# Kswapd0 consume most CPU

## XiaoaiX

I am using kernel 4.05. I always keep open some pdf files (about 10) with okular and a lot of webpages in firefox. From time to time, the system become very slow.  top shows that kswapd0 consumes 100% CPU and changes slowly down. After a while, always if it is lucky, the kswapd0 disappears and the system come back to usual. But in seldom cases, the system will not response if I just open some resource consuming webpage in firefox, and I have to reboot. 

My system have 8G memory, 512G SSD. No swap is on.

Can I avoid such things happening without closing those pdf  files and webpages?

Or can I find out which process consumes the memory most? 

Thanks

----------

## ct85711

well, it's sounds like you are eating away all of your memory doing all that (specially on only 8GB without swap).  The common trend I was seeing for this, is just about the same you was doing, about 8GB of ram and no swap, interestingly enough, the easy fix was adding a swap file (kswapd stopped hogging the CPU)...

Well, best bet to check on memory usage would be firefox (always a hog), though on my system I have one pdf file that makes firefox's worse memory usage look like child's play (in ocular, it usually filled over 12GB of ram easily by it's self).

The 2 prime things to check, is good old top and free -m

----------

## steveL

Just to add a recommendation for sys-process/htop.

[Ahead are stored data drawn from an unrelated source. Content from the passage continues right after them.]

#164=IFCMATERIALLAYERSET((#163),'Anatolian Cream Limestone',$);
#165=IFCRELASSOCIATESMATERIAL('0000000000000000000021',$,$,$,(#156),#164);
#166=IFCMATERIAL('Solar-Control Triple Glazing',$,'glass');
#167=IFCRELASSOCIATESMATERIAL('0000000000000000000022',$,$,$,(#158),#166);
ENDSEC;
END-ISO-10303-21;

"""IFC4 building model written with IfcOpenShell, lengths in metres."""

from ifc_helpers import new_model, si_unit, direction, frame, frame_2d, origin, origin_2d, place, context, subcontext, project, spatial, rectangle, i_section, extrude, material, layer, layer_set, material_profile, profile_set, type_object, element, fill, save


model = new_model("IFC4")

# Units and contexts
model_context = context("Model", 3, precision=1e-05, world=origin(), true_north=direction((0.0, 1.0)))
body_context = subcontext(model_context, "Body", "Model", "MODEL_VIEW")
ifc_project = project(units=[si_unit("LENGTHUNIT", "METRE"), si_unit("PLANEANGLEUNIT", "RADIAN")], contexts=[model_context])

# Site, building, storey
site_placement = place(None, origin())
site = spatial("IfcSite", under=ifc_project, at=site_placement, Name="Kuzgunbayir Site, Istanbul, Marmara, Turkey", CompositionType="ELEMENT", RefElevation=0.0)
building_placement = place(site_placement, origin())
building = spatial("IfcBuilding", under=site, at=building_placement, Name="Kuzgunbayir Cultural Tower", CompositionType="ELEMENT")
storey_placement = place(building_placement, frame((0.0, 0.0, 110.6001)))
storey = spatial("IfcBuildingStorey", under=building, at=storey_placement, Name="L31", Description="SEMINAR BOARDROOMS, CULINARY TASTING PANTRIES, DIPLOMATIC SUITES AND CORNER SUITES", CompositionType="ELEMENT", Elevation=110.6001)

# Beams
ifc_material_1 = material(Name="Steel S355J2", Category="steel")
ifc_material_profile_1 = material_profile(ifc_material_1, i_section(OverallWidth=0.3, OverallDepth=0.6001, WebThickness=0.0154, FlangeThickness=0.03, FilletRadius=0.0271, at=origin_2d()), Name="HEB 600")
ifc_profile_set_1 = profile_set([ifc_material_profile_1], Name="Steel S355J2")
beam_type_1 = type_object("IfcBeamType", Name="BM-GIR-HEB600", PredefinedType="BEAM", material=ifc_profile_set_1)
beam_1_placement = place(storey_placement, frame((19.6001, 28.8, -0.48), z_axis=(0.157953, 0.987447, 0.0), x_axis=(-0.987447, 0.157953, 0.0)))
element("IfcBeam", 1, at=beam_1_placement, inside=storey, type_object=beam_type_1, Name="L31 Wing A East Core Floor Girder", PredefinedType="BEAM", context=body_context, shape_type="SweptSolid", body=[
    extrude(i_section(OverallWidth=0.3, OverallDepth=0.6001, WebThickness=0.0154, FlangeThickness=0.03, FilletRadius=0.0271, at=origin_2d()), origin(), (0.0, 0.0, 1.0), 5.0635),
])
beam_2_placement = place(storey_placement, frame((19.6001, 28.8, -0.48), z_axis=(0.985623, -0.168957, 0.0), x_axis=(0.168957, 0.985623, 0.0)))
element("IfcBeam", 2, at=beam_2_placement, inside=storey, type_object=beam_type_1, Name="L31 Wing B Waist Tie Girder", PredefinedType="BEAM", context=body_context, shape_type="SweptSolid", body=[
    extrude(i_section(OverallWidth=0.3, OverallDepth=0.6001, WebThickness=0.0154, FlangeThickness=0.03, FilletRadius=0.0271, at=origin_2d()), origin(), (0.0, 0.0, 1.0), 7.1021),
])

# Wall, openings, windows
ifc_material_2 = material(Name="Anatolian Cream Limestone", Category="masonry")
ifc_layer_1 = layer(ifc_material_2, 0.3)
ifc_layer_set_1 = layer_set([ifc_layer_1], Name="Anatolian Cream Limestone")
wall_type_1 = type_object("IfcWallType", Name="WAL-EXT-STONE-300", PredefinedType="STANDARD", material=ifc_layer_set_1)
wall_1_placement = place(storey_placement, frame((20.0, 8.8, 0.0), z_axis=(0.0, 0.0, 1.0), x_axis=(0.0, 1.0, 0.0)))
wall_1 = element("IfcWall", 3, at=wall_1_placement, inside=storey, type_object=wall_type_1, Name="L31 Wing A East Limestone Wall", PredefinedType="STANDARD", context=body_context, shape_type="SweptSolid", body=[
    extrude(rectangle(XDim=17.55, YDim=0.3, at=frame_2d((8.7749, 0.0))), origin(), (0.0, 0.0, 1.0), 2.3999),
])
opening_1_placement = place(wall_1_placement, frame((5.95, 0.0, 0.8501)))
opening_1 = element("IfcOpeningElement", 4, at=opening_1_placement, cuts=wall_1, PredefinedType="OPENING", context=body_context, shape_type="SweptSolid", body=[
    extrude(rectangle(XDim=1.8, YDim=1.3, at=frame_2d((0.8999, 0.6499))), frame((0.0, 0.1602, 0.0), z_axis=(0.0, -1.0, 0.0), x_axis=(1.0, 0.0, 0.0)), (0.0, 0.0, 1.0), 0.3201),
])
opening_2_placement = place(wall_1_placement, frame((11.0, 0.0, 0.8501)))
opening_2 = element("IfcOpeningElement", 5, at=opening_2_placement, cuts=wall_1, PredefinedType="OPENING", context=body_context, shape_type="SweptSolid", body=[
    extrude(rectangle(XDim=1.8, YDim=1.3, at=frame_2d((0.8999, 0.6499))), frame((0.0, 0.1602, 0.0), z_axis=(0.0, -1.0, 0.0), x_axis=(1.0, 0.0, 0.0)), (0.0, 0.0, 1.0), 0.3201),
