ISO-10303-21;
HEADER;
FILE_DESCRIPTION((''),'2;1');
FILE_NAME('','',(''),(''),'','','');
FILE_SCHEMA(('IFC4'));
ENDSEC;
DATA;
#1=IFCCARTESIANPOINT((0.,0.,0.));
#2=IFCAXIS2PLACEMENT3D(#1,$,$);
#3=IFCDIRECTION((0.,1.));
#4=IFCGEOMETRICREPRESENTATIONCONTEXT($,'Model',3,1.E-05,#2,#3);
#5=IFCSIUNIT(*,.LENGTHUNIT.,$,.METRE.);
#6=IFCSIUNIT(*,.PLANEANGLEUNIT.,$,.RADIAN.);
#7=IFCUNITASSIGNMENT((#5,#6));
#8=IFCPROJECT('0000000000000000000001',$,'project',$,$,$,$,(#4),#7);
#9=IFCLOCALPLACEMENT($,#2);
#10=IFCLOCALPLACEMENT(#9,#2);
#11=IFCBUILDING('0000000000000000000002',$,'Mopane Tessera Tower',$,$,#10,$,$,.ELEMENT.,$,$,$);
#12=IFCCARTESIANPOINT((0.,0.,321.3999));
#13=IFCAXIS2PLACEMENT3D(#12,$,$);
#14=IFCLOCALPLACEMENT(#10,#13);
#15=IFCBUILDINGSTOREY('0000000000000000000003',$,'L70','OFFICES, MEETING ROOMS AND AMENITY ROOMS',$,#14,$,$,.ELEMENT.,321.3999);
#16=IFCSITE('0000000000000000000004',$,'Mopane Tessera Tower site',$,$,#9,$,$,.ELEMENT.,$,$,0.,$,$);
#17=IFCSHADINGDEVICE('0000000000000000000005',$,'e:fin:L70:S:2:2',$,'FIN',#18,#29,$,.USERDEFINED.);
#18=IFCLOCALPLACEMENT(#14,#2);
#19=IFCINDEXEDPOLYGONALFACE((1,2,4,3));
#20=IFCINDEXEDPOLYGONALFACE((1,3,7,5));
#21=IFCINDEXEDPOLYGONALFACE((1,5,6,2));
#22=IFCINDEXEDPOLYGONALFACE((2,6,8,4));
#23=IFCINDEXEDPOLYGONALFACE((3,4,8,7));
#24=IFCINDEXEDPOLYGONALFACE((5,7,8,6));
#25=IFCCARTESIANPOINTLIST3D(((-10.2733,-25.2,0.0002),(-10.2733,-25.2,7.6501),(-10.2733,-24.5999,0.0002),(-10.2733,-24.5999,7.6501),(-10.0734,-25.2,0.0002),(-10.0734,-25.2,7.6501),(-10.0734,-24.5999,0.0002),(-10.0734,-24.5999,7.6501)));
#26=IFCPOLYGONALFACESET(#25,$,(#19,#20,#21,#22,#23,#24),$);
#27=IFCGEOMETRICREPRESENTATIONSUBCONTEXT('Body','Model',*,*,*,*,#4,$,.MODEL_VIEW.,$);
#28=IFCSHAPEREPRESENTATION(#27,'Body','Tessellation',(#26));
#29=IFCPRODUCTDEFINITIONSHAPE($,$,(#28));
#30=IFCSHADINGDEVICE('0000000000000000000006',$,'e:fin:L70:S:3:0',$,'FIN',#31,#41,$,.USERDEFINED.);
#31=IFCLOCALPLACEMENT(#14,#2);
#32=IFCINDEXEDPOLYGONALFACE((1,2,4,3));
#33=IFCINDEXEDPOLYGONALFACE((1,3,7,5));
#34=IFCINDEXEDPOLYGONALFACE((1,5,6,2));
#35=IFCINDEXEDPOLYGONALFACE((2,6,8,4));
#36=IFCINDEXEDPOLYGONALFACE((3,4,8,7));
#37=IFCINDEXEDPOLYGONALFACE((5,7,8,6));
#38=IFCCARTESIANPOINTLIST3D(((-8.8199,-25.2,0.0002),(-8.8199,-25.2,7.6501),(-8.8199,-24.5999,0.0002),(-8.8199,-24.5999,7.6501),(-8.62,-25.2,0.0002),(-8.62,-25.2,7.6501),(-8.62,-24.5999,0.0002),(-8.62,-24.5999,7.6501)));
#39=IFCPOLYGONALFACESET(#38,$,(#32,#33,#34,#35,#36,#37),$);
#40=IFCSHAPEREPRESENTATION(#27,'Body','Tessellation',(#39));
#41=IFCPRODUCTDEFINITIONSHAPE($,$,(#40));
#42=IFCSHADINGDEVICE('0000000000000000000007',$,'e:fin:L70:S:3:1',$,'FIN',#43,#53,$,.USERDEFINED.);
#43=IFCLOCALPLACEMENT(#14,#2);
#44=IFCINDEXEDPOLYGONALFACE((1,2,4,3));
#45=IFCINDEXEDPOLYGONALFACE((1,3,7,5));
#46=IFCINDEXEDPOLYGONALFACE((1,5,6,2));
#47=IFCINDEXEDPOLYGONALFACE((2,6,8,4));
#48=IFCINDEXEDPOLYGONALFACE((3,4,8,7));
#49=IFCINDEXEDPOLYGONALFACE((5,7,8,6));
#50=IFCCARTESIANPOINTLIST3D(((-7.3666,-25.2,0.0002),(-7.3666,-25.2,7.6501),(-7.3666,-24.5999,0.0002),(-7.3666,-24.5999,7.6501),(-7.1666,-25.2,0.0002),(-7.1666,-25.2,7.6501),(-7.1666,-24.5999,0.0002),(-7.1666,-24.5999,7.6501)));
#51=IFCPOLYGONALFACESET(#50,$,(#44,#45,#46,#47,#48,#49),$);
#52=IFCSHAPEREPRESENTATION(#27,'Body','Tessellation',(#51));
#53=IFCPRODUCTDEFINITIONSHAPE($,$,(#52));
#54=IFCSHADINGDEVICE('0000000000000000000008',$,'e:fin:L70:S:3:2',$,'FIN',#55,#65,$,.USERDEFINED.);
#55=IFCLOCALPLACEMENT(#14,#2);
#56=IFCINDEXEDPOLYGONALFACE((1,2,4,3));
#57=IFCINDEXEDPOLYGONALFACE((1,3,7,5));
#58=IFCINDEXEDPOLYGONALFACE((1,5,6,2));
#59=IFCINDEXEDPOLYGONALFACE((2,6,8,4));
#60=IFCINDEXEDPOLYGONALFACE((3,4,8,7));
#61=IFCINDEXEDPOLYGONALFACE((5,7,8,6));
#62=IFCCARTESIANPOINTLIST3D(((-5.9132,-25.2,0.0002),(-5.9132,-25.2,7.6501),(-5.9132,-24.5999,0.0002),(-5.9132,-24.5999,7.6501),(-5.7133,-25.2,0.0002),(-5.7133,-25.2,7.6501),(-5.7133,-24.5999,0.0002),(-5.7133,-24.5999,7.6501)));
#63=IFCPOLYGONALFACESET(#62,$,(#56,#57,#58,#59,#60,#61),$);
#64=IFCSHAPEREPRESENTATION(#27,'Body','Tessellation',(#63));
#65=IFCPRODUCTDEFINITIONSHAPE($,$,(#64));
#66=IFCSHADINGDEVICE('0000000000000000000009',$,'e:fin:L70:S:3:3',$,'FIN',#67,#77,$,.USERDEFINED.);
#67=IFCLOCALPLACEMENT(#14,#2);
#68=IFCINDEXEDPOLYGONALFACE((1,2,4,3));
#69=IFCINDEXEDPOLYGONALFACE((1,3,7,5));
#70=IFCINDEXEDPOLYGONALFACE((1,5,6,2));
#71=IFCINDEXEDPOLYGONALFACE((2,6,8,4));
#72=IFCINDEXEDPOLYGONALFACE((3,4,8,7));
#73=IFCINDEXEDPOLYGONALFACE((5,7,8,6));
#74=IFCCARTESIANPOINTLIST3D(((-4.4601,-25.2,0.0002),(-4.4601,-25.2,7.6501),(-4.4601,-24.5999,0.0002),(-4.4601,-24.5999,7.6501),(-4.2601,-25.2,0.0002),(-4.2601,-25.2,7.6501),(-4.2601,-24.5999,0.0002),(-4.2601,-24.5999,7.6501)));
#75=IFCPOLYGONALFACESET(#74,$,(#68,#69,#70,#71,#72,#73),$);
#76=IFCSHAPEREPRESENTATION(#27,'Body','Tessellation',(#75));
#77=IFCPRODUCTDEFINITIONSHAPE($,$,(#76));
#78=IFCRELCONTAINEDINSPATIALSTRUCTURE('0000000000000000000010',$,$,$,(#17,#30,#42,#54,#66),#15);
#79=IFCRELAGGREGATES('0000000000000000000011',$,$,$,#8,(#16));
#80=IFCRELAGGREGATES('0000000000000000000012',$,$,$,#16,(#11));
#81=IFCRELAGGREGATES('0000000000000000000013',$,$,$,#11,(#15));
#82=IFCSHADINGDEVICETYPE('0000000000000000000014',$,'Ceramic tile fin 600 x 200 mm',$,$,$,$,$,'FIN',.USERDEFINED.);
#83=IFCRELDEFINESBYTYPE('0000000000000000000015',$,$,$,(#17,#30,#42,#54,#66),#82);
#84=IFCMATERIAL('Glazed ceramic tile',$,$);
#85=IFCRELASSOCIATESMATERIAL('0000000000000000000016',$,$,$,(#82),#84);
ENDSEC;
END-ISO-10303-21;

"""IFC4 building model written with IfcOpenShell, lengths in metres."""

from ifc_helpers import new_model, si_unit, direction, frame, origin, origin_2d, place, context, subcontext, project, spatial, rectangle, extrude, material, type_object, element, save


model = new_model("IFC4")

# Units and contexts
model_context = context("Model", 3, precision=1e-05, world=origin(), true_north=direction((0.0, 1.0)))
body_context = subcontext(model_context, "Body", "Model", "MODEL_VIEW")
ifc_project = project(units=[si_unit("LENGTHUNIT", "METRE"), si_unit("PLANEANGLEUNIT", "RADIAN")], contexts=[model_context])

# Site, building, storey
site_placement = place(None, origin())
site = spatial("IfcSite", under=ifc_project, at=site_placement, Name="Mopane Tessera Tower site", CompositionType="ELEMENT", RefElevation=0.0)
building_placement = place(site_placement, origin())
building = spatial("IfcBuilding", under=site, at=building_placement, Name="Mopane Tessera Tower", CompositionType="ELEMENT")
storey_placement = place(building_placement, frame((0.0, 0.0, 321.3999)))
storey = spatial("IfcBuildingStorey", under=building, at=storey_placement, Name="L70", Description="OFFICES, MEETING ROOMS AND AMENITY ROOMS", CompositionType="ELEMENT", Elevation=321.3999)

# Shading devices
ifc_material_1 = material(Name="Glazed ceramic tile")
shading_device_type = type_object("IfcShadingDeviceType", Name="Ceramic tile fin 600 x 200 mm", ElementType="FIN", PredefinedType="USERDEFINED", material=ifc_material_1)
for number, where, z_axis, x_axis, name in (
    (1, (-10.1733, -24.8999, 0.0002), (0.0, 0.0, 1.0), (1.0, 0.0, 0.0), "e:fin:L70:S:2:2"),
    (2, (-8.72, -24.8999, 0.0002), (0.0, 0.0, 1.0), (1.0, 0.0, 0.0), "e:fin:L70:S:3:0"),
    (3, (-7.2666, -24.8999, 0.0002), (0.0, 0.0, 1.0), (1.0, 0.0, 0.0), "e:fin:L70:S:3:1"),
    (4, (-5.8132, -24.8999, 0.0002), (0.0, 0.0, 1.0), (1.0, 0.0, 0.0), "e:fin:L70:S:3:2"),
    (5, (-4.3601, -24.8999, 0.0002), (0.0, 0.0, 1.0), (1.0, 0.0, 0.0), "e:fin:L70:S:3:3"),
):
    element("IfcShadingDevice", number, at=place(storey_placement, frame(where, z_axis=z_axis, x_axis=x_axis)), inside=storey, type_object=shading_device_type, Name=name, ObjectType="FIN", PredefinedType="USERDEFINED", context=body_context, shape_type="SweptSolid", body=[
        extrude(rectangle(XDim=0.2, YDim=0.6001, at=origin_2d()), origin(), (0.0, 0.0, 1.0), 7.6499),
    ])

save(model, "model.ifc")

Really nice, and allows you to view by-thread, if required.

----------

## Princess Nell

Sounds like a desktop machine. I have seen kswapd problems only on servers, and most likely along the lines of https://www.centos.org/forums/viewtopic.php?t=29411 (last posting in thread): free memory imbalance on systems with NUMA enabled.

----------

## Buffoon

Have you adjusted swappiness in sysctl.conf.

----------

## XiaoaiX

 *Buffoon wrote:*   

> Have you adjusted swappiness in sysctl.conf.

 

haven't done any thing in sysctl.conf. I don't know what swappiness in sysctl.conf means? Could you explain more?

----------

## XiaoaiX

So, it seems that okular is not good at managing memory. I would change to acroread now.

 *ct85711 wrote:*   

> well, it's sounds like you are eating away all of your memory doing all that (specially on only 8GB without swap).  The common trend I was seeing for this, is just about the same you was doing, about 8GB of ram and no swap, interestingly enough, the easy fix was adding a swap file (kswapd stopped hogging the CPU)...
> 
> Well, best bet to check on memory usage would be firefox (always a hog), though on my system I have one pdf file that makes firefox's worse memory usage look like child's play (in ocular, it usually filled over 12GB of ram easily by it's self).
> 
> The 2 prime things to check, is good old top and free -m

 

----------

## XiaoaiX

But why should kswapd0 use up all the cpu but not share with others? This seem to be a bug. In my opinion, a good way to do this is when the memory is used to about 90% and this kswapd0 be called to clear the memory. It then can share the cpu with others because  the others can use the 10% left without waiting for kswapd0. Why not do like this?

----------

## steveL

 *XiaoaiX wrote:*   

> haven't done any thing in sysctl.conf. I don't know what swappiness in sysctl.conf means? Could you explain more?

 

See this tip

----------

## ct85711

 *Quote:*   

> But why should kswapd0 use up all the cpu but not share with others? This seem to be a bug. In my opinion, a good way to do this is when the memory is used to about 90% and this kswapd0 be called to clear the memory. It then can share the cpu with others because the others can use the 10% left without waiting for kswapd0. Why not do like this?

 

The issue with that, isn't the CPU usage, it's more of kswapd0 isn't finding any memory to clear out, so other stuff can start up/run. Trying to put more water in a tank that is already full does not work out, regardless of all the pushing you are doing.  As it is, your getting close to triggering the kernel's memory killer to forcibly clear out memory (by killing running programs).

I'm not sure how changing the swappiness is going to do anything, when the OP even stated there is no swap to begin with.  Now, you know you can easily just put a swap file/partition on a USB drive/external drive.

----------

## Buffoon

ct85711

what you said makes sense. I didn't read the OP thoroughly.

XiaoaiX

there is a known memory leak in QT 4.8.7, I know it because I had QT installed for MythTV and it just ate up all my RAM, downgraded to 4.8.6 and the problem went away.

----------

## XiaoaiX

 *Buffoon wrote:*   

> ct85711
> 
> what you said makes sense. I didn't read the OP thoroughly.
> 
> XiaoaiX
> ...

 

I am using QT 4.8.6-r2 not QT 4.8.7.

----------